Theory test fiasco continues to hit taxpayer's pocket

Thursday, April 14, 2016

 

Mainstream media outlets are claiming that the calamatious handling of the Theory Test contract will result in taxpayers footing a multimillion pound bill. But this is not the first time there has been outcry at the mismanagement of this process and the impact that has on the public purse.

 

Sky News led with the headline earlier this week that 'Taxpayer Pays Out Over Driving Test Fiasco' with a special report by Sky's City Editor, Mark Kleinman stating that taxpayers have been 'left nursing a substantial bill after Whitehall officials slammed the brakes on a contract to move the management of Britain's driving theory tests.'

 

Sky News has learnt that the Government agreed a multimillion pound settlement this month with Learndirect, the privately owned company which was due to begin supplying the tests later this year. 

 

The decision to annul Learndirect's involvement was taken by the Driver and Vehicle Standards Agency (DVSA) with input from the Cabinet Office and the Department for Transport.

 

Officials refused to disclose the size of the payout to Learndirect, but it is said to have run to millions of pounds.

 

According to Sky, Whitehall sources conceded that taxpayers would also suffer financially because of the cost of running the next procurement process and the fact that Pearson's deal is significantly more expensive than the one proposed by Learndirect.

 

As Sky was quick to point out this is the latest 'botched procurement exercise involving Whitehall officials, and another undistinguished chapter in the administration of tests for learner drivers.' 

 

Issues over the handling of the Theory Test contract first hit the papers over two years ago when DVSA was originally forced to pull back on a decision to hand the contract to Learndirect (from 2014) because they had failed to carry out proper checks on the company.

 

Pearson issued a formal challenge at the time and were rewarded with a two-year extension to their deal, meaning Learndirect could not take over until at least 2016.

 

The contract with Learndirect was estimated, at the time, to be worth £20m-£25m per year leading to accusations that the botched process could have cost the taxpayer up to £20m over two years (source: The Telegraph, 16 January 2014).

 

In response to the latest furore over the settlement paid to Learn Direct, an official statement was has been released, stating that:

 

"The DVSA and Learndirect have concluded an exit from the contract for the provision of the UK Driving Theory Test, which was due to transfer to Learndirect in September 2016. 

 

Since the award of the original contract in 2013, demand for the test has increased by over 50 per cent to 2.4m (2015/16), and is now forecast to reach 2.8m in 2017/18. Against that background, and because continuity of service is of primary importance, it has been decided that now is not the right time to transfer.
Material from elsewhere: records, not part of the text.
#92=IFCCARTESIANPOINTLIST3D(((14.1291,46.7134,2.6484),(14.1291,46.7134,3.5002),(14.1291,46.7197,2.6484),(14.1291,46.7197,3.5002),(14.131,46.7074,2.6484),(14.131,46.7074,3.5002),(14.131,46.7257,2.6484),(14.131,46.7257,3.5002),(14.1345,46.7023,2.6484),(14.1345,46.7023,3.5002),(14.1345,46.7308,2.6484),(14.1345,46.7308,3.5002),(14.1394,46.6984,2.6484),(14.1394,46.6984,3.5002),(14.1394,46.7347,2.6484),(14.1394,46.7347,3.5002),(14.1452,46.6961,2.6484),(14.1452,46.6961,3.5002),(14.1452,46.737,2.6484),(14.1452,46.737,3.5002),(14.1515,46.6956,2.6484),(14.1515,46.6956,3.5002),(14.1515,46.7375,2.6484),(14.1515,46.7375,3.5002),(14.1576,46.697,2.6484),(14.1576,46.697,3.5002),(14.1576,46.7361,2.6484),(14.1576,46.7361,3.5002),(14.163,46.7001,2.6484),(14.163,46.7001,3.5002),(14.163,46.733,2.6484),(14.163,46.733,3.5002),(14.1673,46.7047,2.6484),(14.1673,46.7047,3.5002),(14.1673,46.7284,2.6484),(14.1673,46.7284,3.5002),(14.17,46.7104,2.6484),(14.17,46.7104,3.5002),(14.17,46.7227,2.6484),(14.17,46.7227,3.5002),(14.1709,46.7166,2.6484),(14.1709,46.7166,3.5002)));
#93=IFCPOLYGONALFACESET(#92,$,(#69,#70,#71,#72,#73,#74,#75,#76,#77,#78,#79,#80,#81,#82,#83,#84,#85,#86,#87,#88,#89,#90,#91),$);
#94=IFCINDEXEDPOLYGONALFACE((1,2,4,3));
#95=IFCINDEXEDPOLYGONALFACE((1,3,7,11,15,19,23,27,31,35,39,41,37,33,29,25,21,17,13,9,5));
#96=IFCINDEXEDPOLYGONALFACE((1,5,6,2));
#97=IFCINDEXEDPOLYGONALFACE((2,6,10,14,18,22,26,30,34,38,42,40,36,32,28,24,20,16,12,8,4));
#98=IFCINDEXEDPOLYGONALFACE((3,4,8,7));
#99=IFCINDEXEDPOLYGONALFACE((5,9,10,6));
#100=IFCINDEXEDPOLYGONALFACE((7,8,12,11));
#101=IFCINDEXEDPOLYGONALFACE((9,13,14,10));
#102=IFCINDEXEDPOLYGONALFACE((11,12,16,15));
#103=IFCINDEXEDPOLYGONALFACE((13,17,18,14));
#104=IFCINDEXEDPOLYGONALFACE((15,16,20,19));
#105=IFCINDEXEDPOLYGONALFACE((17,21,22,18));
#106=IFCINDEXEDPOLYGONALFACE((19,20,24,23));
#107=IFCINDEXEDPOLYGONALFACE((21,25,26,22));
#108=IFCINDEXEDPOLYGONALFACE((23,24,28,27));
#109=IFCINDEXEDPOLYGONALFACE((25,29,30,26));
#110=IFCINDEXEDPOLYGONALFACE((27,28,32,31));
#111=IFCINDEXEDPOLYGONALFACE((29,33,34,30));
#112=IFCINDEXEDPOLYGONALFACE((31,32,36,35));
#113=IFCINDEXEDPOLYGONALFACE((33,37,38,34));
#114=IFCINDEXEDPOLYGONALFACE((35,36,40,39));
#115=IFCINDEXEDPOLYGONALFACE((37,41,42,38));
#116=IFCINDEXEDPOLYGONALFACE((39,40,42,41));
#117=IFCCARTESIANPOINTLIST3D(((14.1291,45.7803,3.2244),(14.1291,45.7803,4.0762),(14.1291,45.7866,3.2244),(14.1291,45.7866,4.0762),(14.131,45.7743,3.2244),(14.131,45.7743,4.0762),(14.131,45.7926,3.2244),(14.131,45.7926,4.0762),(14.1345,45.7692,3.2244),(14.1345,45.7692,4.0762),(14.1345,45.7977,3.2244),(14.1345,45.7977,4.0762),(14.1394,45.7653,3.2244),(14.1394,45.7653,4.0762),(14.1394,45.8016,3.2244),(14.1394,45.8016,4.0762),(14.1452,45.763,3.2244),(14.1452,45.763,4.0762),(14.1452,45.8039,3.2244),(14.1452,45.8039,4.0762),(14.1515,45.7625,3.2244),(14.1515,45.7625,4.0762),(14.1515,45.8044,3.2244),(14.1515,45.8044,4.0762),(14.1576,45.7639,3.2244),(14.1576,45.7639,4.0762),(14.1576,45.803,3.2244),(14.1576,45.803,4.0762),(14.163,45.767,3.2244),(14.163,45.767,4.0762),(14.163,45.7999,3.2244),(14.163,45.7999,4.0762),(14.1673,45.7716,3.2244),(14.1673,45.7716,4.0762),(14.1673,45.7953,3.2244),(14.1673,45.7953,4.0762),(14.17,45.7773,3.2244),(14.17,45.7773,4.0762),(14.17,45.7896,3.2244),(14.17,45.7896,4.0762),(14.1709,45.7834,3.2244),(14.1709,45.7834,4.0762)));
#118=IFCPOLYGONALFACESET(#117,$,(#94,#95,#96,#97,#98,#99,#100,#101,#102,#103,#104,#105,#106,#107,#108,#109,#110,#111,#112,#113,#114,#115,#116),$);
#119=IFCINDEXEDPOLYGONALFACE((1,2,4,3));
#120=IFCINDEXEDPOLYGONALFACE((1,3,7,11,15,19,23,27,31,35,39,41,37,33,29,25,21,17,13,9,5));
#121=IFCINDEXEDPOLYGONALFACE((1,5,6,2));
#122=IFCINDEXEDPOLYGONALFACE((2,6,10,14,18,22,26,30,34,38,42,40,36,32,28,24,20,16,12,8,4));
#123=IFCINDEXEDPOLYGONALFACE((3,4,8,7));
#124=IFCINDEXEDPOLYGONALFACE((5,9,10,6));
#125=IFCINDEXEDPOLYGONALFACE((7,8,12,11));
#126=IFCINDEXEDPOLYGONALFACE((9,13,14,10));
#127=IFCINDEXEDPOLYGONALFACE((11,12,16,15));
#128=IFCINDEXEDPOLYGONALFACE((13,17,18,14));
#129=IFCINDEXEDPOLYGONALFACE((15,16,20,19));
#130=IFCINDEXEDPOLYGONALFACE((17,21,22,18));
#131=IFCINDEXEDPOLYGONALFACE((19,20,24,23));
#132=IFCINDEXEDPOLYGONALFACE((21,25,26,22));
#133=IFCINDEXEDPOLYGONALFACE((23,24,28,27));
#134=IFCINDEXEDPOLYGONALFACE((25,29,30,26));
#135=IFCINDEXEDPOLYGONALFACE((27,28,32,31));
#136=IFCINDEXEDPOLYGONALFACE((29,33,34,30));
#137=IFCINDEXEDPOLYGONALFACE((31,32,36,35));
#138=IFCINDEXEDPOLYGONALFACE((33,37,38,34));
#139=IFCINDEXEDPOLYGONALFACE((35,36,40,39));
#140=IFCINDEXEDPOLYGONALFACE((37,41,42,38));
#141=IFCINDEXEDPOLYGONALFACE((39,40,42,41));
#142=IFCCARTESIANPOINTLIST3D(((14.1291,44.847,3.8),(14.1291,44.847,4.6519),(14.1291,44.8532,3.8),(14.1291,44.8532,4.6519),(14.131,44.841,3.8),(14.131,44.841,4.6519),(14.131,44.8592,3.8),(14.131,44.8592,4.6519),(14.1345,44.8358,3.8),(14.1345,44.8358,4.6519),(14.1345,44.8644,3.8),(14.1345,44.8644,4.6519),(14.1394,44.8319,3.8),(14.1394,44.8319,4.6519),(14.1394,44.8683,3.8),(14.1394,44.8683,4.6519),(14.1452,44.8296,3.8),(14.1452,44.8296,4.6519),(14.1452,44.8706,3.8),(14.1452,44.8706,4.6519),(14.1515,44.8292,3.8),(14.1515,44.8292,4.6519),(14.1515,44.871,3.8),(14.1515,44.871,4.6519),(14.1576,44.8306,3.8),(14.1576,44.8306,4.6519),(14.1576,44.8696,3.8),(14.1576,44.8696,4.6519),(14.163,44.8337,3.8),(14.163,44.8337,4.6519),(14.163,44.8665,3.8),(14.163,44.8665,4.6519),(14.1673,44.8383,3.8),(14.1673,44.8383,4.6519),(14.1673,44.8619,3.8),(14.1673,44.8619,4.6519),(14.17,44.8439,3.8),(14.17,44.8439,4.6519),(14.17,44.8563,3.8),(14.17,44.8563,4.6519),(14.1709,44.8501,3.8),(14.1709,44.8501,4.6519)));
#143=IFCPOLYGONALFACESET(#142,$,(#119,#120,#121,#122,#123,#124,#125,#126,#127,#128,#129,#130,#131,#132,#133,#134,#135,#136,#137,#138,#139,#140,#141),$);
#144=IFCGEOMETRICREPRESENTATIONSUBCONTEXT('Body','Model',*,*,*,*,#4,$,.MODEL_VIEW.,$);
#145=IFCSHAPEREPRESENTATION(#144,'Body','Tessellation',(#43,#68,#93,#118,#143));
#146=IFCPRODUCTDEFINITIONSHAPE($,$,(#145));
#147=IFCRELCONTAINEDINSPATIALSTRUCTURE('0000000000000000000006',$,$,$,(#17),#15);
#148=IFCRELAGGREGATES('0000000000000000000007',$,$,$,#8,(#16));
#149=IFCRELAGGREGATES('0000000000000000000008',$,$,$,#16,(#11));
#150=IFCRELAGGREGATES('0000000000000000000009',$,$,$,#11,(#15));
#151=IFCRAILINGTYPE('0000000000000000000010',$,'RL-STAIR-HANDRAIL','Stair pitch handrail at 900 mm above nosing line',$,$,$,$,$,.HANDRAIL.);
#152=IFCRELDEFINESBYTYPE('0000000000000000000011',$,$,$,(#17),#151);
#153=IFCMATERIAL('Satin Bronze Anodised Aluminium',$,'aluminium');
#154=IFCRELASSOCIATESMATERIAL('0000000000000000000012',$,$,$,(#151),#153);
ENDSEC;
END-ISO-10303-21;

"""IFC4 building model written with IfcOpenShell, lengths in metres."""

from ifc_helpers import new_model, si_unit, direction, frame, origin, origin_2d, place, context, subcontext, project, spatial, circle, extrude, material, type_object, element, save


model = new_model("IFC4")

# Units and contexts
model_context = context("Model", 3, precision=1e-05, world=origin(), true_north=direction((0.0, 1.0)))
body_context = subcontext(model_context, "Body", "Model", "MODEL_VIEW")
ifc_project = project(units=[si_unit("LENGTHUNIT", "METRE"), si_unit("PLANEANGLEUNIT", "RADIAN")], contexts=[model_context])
Pearson VUE will therefore continue to provide the service for some time." 

 

The DVSA, Learndirect, LDC, Pearson and the Cabinet Office declined to comment beyond the official statement. Driving Instructors Association did contact the regulator directly earlier this week (on the publication of Sky's story) to request further comment on the issue - particularly given the huge concern and interest the driver training industry would have about this latest news and in the wider context of ongoing issues with the provision of driving test services in the UK. DVSA were, however, were unable to comment beyond the official statement. 

 

DIA Chief Executive Carly Brookfield commented:
"Clearly we will be raising this issue (amongst other concerns over the current provision of test services) in our meeting with DVSA next week and pushing for further explanation as to why this issue occurred at all, as well as asking what steps are being taken to manage this process and overall service better in the future.

 

With the added burden to the taxpayer this settlement incurs, there obviously needs to be more serious consideration of how these services can be delivered more effectively, efficiently and economically in the future. With respect to DfT, the recent Motor Services Consultation directly asked for stakeholder views and suggestions on ways in which the government could deliver such services more effectively and DIA made a number of suggestions of how services,  such as the Theory Test, could be better delivered.

 

It is our view that a considerable amount of money could conceivably be saved by capitalising on the digital nature of the test. A large amount of resources (and what accounts for a large element of the delivery costs in such contracts) is expended on delivering the test from dedicated Theory Test centres, physical premises which are costly to resource and which in addition require other costly resources dedicating to them, such as staffing. The test is digital, and therefore theoretically, can be delivered anywhere. The reality is, increasingly, many formal educational assessments and tests are delivered online and so can be delivered at very low cost in more accessible locations such as schools, further education colleges and libraries (who in particular, facing severe funding cuts, would probably welcome the additional footfall and usage of their buildings, ICT resources and staff). 

 

There were clear areas where costs could be saved on the delivery of the Theory Test before they were further ramped up by this settlement and overall mishandling of the contract process - clearly we should expect that both the government, and indeed Pearson, will now seriously consider how this services are better managed moving forward".